# Dust collection pipe size change at inlet



## rmonzo (Dec 15, 2008)

:icon_smile:I just bought a new 2hp dust collector. It has one 5" inlet or two 4" inlets.
I'd like to run 6" lines to the machines and reduce the 6" to 5" at the inlet to the impeller housing.
Has anyone had any experience doing this and are there potential problems in doing so?
Thanks.


----------



## Leo G (Oct 16, 2006)

Yes there will be problems. You will reduce the air velocity in the 6" pipe and in doing so you may get settling out problems and clogs in your pipe line. Your best bet is to use 5" in the trunk and 4" for your feeds to your machines.


----------



## rmonzo (Dec 15, 2008)

*dust collection pipe size change at inlet*

Leo,
Would you also suggest that the drops be 5'' before a short 4" connecting to the machine?
Thanks,:smile:


----------



## Leo G (Oct 16, 2006)

No, you want the air speed in the drops to be faster than the air speed in the trunk. Most of the time the drops are vertical and you are lifting the dust/chips which means you are going against gravity. Your DC might be to small to have all your machines connected at once and a whole DC network laid out. Make sure you use as much smoothed wall tubing (not flex tubing) in your system as possible.

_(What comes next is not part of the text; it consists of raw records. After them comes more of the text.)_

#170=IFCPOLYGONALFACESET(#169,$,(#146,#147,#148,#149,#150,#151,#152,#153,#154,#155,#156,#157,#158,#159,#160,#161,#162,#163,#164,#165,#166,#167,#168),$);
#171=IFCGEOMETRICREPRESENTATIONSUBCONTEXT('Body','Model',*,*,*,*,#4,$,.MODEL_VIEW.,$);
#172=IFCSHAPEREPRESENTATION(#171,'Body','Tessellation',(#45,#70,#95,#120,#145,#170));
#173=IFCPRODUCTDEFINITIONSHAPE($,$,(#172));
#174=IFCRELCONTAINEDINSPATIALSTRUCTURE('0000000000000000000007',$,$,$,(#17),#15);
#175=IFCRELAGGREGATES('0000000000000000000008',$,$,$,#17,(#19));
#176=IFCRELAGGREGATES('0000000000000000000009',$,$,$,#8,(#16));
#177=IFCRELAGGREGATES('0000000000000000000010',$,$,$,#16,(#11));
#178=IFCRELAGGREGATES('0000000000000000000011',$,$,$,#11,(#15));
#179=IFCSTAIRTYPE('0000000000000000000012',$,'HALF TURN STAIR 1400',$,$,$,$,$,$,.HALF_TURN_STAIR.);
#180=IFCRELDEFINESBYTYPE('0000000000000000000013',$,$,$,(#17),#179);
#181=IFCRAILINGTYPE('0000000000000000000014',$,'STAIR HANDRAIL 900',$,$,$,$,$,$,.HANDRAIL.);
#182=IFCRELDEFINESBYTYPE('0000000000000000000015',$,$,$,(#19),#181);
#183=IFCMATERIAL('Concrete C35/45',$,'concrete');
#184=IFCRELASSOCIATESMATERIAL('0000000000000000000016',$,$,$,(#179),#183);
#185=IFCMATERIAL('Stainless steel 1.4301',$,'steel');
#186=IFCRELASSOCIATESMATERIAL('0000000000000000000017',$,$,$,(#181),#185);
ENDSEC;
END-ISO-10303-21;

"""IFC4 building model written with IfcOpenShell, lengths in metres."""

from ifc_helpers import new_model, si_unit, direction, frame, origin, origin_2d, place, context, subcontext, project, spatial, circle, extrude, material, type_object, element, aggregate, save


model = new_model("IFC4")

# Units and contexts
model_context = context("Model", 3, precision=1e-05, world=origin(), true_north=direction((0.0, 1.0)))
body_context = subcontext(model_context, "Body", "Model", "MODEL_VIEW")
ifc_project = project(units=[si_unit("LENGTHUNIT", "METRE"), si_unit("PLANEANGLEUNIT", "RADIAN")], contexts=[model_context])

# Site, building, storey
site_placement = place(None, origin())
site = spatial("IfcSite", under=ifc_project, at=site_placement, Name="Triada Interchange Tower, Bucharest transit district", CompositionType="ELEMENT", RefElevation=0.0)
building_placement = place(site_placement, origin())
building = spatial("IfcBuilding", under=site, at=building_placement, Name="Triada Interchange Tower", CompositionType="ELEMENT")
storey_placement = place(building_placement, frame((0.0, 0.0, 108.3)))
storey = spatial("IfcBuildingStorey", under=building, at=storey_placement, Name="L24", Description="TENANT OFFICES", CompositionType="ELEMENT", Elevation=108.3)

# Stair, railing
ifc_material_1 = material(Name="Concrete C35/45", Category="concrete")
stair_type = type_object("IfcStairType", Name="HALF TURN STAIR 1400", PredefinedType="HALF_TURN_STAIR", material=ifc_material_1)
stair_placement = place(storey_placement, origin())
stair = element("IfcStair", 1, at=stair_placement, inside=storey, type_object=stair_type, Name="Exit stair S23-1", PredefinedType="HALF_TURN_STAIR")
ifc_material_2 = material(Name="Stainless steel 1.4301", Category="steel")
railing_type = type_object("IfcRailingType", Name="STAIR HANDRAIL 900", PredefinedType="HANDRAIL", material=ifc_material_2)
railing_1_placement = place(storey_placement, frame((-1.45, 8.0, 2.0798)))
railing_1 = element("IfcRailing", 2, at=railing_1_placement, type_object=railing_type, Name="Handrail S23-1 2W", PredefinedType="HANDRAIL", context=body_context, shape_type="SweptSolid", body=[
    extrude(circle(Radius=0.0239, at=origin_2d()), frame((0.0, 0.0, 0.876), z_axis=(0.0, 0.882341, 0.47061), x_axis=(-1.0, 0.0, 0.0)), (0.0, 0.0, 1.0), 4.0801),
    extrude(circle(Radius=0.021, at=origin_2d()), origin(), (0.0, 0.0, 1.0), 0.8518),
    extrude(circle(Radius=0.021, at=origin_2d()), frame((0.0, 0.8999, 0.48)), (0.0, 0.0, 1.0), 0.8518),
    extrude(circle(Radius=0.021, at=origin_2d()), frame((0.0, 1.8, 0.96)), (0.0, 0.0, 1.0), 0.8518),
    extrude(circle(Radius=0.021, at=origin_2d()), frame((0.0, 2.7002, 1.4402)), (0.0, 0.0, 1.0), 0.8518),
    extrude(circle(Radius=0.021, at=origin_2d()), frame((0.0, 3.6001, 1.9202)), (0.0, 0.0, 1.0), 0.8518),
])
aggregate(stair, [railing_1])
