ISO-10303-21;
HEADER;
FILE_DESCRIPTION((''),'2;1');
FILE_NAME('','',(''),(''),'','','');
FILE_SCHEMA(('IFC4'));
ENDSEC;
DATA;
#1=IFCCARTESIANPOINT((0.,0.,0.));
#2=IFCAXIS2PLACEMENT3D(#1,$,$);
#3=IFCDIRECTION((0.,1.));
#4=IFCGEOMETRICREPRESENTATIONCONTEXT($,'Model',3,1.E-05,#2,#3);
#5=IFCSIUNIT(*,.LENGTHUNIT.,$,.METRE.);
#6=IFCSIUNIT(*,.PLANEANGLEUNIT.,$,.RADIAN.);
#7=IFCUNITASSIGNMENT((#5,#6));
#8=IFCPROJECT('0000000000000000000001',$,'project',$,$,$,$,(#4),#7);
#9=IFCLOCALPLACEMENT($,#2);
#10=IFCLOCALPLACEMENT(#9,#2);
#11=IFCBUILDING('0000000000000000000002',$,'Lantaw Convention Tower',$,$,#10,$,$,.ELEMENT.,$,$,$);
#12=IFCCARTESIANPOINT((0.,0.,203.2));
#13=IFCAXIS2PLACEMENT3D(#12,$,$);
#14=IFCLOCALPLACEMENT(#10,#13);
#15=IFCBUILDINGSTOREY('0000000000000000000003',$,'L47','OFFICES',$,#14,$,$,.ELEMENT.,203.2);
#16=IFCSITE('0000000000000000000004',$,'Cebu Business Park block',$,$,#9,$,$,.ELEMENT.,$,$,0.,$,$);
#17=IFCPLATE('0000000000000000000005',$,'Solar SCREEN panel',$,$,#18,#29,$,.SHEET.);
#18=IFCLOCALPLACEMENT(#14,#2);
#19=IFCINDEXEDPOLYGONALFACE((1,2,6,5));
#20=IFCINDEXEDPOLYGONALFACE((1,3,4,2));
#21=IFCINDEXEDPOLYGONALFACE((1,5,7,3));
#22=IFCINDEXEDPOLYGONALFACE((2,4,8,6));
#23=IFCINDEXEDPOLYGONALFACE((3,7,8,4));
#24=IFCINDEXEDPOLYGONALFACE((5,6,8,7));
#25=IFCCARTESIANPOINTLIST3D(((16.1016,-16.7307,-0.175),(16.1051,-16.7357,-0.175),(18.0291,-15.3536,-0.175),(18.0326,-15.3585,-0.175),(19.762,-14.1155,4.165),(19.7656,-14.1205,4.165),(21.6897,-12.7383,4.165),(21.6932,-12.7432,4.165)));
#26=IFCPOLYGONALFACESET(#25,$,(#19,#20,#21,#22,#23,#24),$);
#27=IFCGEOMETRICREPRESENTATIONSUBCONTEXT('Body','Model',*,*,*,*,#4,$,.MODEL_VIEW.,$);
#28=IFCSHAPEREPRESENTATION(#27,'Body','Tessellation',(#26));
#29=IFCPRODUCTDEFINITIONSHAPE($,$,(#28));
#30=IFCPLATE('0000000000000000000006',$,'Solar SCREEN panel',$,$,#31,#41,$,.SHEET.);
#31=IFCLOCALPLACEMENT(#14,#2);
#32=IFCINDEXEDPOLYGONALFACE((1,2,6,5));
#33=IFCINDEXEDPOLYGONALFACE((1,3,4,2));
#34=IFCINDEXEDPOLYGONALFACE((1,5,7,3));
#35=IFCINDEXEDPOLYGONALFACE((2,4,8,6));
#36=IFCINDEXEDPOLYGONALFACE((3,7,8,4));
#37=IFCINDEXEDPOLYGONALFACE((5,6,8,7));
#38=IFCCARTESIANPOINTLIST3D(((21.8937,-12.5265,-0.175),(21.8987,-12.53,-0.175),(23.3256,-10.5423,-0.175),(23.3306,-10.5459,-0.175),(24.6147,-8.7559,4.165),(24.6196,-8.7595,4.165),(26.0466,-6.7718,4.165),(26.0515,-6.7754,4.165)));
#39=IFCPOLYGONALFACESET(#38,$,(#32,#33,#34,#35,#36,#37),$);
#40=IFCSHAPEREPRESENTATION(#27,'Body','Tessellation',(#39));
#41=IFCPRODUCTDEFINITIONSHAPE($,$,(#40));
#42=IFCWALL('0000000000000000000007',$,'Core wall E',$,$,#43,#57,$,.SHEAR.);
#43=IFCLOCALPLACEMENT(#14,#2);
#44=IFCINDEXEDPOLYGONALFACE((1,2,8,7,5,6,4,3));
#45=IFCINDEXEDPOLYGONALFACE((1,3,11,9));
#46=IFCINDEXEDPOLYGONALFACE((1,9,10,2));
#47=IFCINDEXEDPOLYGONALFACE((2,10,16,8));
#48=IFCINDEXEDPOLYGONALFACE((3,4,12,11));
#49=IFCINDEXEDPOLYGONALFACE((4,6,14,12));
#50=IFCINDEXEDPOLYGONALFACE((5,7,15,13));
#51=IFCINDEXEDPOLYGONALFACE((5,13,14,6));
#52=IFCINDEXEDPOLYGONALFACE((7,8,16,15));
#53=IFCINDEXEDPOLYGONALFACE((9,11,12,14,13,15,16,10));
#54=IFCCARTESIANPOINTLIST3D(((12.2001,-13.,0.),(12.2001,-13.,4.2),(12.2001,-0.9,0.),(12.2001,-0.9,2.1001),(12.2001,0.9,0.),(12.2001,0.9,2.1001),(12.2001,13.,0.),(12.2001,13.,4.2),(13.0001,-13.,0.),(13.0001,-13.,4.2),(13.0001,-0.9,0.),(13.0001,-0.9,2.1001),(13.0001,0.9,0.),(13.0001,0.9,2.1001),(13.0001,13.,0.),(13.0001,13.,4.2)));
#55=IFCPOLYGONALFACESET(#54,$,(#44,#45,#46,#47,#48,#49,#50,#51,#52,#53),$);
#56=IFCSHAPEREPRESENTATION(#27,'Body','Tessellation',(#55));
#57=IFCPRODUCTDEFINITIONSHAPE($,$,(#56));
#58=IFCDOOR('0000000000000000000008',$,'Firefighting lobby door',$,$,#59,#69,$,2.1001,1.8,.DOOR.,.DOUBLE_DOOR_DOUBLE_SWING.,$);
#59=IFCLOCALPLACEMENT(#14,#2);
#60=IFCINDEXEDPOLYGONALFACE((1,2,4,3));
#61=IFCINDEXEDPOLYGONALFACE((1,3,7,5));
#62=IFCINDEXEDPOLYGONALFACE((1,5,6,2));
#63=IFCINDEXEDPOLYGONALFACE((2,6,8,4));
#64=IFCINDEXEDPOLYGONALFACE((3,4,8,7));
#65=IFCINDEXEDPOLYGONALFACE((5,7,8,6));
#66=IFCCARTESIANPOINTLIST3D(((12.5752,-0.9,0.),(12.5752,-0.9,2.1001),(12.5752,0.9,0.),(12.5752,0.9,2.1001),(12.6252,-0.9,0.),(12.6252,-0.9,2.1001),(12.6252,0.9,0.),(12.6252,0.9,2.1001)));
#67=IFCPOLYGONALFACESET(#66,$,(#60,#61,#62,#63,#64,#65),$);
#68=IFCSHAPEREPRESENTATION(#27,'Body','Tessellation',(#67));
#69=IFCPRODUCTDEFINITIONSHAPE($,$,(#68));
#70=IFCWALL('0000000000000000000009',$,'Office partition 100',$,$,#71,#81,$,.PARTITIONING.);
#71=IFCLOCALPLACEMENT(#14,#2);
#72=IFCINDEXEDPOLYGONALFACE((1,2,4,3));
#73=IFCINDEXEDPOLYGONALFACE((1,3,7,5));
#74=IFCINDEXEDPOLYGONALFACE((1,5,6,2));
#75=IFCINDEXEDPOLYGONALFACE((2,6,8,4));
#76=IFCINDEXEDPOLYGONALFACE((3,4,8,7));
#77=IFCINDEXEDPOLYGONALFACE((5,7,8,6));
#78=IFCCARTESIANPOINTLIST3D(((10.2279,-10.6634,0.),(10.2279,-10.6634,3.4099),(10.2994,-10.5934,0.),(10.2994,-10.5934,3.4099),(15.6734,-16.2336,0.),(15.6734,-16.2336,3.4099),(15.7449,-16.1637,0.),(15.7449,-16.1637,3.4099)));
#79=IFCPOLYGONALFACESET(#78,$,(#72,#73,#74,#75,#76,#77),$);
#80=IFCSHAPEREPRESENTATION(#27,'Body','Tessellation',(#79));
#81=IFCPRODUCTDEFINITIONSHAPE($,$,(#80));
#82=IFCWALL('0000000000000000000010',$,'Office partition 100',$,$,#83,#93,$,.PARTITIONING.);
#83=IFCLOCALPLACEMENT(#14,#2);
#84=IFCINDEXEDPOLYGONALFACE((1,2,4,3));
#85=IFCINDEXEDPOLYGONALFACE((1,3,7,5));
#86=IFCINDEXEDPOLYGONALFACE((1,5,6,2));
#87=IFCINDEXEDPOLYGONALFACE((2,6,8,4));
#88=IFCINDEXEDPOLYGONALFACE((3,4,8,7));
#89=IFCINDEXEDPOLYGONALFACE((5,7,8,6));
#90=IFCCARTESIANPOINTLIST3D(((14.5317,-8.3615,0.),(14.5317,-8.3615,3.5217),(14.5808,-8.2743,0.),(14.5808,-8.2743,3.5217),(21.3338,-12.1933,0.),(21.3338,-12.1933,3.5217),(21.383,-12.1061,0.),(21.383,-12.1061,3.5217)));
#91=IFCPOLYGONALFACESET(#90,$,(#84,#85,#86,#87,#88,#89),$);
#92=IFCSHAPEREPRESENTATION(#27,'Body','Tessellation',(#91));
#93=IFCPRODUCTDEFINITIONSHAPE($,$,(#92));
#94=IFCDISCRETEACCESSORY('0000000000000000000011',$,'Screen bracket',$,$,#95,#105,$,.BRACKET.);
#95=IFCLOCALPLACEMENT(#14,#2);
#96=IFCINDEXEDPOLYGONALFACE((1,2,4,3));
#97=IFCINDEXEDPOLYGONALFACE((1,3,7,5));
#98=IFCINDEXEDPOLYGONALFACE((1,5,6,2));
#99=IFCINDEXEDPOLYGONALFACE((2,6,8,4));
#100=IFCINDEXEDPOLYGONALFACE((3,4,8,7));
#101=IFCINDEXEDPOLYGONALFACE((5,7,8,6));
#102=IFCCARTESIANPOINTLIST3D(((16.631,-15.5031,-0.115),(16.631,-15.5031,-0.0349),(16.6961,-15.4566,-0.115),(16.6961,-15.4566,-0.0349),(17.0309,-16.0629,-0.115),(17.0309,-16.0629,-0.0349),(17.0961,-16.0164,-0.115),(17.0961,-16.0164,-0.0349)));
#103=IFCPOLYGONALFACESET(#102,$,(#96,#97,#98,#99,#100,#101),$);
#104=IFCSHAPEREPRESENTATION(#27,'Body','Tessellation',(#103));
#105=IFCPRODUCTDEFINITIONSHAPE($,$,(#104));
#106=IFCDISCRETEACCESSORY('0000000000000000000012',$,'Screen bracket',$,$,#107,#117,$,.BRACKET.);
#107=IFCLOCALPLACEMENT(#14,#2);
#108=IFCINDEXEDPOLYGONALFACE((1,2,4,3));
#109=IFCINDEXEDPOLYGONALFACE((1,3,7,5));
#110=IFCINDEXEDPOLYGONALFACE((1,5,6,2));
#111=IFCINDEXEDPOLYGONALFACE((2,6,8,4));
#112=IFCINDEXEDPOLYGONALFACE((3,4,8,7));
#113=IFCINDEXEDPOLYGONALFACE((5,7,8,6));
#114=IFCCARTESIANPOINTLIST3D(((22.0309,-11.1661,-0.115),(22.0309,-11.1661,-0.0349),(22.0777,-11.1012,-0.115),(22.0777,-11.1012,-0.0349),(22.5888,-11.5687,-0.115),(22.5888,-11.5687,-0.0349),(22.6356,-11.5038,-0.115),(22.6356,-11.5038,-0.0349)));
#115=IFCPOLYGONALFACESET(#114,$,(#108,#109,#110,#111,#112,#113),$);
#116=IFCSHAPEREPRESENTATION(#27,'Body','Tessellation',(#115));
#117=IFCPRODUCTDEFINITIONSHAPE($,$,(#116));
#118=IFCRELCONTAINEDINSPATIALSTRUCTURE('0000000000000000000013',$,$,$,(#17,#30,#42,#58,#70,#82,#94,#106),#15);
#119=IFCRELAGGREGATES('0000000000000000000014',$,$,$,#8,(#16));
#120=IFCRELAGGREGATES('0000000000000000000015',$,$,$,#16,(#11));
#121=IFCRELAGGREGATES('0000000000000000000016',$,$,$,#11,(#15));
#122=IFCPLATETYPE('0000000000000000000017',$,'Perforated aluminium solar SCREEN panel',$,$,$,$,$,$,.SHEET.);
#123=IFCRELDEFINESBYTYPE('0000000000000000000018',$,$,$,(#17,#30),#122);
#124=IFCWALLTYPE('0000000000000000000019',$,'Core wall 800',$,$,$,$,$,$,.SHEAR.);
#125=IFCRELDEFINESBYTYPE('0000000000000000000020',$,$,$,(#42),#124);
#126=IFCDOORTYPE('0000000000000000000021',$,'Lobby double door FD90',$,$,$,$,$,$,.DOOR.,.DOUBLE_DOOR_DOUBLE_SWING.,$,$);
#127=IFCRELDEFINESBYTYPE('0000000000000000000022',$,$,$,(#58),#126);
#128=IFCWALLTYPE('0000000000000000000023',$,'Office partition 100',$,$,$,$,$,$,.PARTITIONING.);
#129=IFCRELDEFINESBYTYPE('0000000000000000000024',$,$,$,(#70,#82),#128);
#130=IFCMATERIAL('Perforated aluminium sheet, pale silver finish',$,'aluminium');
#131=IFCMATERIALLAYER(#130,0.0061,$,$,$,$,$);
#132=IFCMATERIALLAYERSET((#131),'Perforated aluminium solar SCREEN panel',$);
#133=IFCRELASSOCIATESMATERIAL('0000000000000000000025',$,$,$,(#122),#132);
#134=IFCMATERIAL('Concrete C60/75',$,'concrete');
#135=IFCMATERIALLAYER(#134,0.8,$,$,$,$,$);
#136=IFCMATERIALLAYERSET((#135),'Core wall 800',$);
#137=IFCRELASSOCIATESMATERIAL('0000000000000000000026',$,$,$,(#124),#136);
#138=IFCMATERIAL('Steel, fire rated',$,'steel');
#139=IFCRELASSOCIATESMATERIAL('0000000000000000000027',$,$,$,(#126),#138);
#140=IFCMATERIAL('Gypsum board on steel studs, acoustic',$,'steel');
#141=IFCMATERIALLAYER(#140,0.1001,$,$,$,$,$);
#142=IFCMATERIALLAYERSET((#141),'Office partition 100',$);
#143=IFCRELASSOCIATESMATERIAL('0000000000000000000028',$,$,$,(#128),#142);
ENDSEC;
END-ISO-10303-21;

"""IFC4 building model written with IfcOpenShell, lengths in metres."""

from ifc_helpers import new_model, si_unit, direction, frame, frame_2d, origin, origin_2d, place, context, subcontext, project, spatial, polyline, rectangle, outline, extrude, material, layer, layer_set, type_object, element, fill, save


model = new_model("IFC4")

# Units and contexts
model_context = context("Model", 3, precision=1e-05, world=origin(), true_north=direction((0.0, 1.0)))
body_context = subcontext(model_context, "Body", "Model", "MODEL_VIEW")
ifc_project = project(units=[si_unit("LENGTHUNIT", "METRE"), si_unit("PLANEANGLEUNIT", "RADIAN")], contexts=[model_context])

# Site, building, storey
site_placement = place(None, origin())
site = spatial("IfcSite", under=ifc_project, at=site_placement, Name="Cebu Business Park block", CompositionType="ELEMENT", RefElevation=0.0)
building_placement = place(site_placement, origin())
building = spatial("IfcBuilding", under=site, at=building_placement, Name="Lantaw Convention Tower", CompositionType="ELEMENT")
storey_placement = place(building_placement, frame((0.0, 0.0, 203.2)))
storey = spatial("IfcBuildingStorey", under=building, at=storey_placement, Name="L47", Description="OFFICES", CompositionType="ELEMENT", Elevation=203.2)

# Shared definitions
ifc_material_1 = material(Name="Concrete C60/75", Category="concrete")

# Plates
ifc_material_2 = material(Name="Perforated aluminium sheet, pale silver finish", Category="aluminium")
ifc_layer_1 = layer(ifc_material_2, 0.0061)
ifc_layer_set_1 = layer_set([ifc_layer_1], Name="Perforated aluminium solar SCREEN panel")
plate_type_1 = type_object("IfcPlateType", Name="Perforated aluminium solar SCREEN panel", PredefinedType="SHEET", material=ifc_layer_set_1)
plate_1_placement = place(storey_placement, frame((16.1016, -16.7307, -0.175), z_axis=(-0.581331, 0.813667, 0.00001), x_axis=(0.813667, 0.581331, 0.0)))
element("IfcPlate", 1, at=plate_1_placement, inside=storey, type_object=plate_type_1, Name="Solar SCREEN panel", PredefinedType="SHEET", context=body_context, shape_type="SweptSolid", body=[
    extrude(outline(polyline([(0.0, 0.0), (2.3689, 0.0), (6.8678, -4.3401), (4.4987, -4.3401), (0.0, 0.0)])), origin(), (0.0, 0.0, -1.0), 0.0061),
])
plate_2_placement = place(storey_placement, frame((21.8987, -12.53, -0.175), z_axis=(0.810892, -0.585195, 0.00002), x_axis=(0.585195, 0.810892, 0.0)))
element("IfcPlate", 2, at=plate_2_placement, inside=storey, type_object=plate_type_1, Name="Solar SCREEN panel", PredefinedType="SHEET", context=body_context, shape_type="SweptSolid", body=[
    extrude(outline(polyline([(0.0, 0.0), (2.4468, 0.0), (7.0966, 4.3401), (4.6498, 4.3401), (0.0, 0.0)])), origin(), (0.0, 0.0, -1.0), 0.0061),
])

Flex tubing at the final last few feet to the pickup port at your machine.


----------



## daryl in nanoose (Feb 18, 2007)

Just a little addition to Leo's post if I may, stay away from 90's as mush as you can and use 2 45's and a short piece of staight pipe instead and the longer the staight pipe is coming into the dc the better it will perform.


----------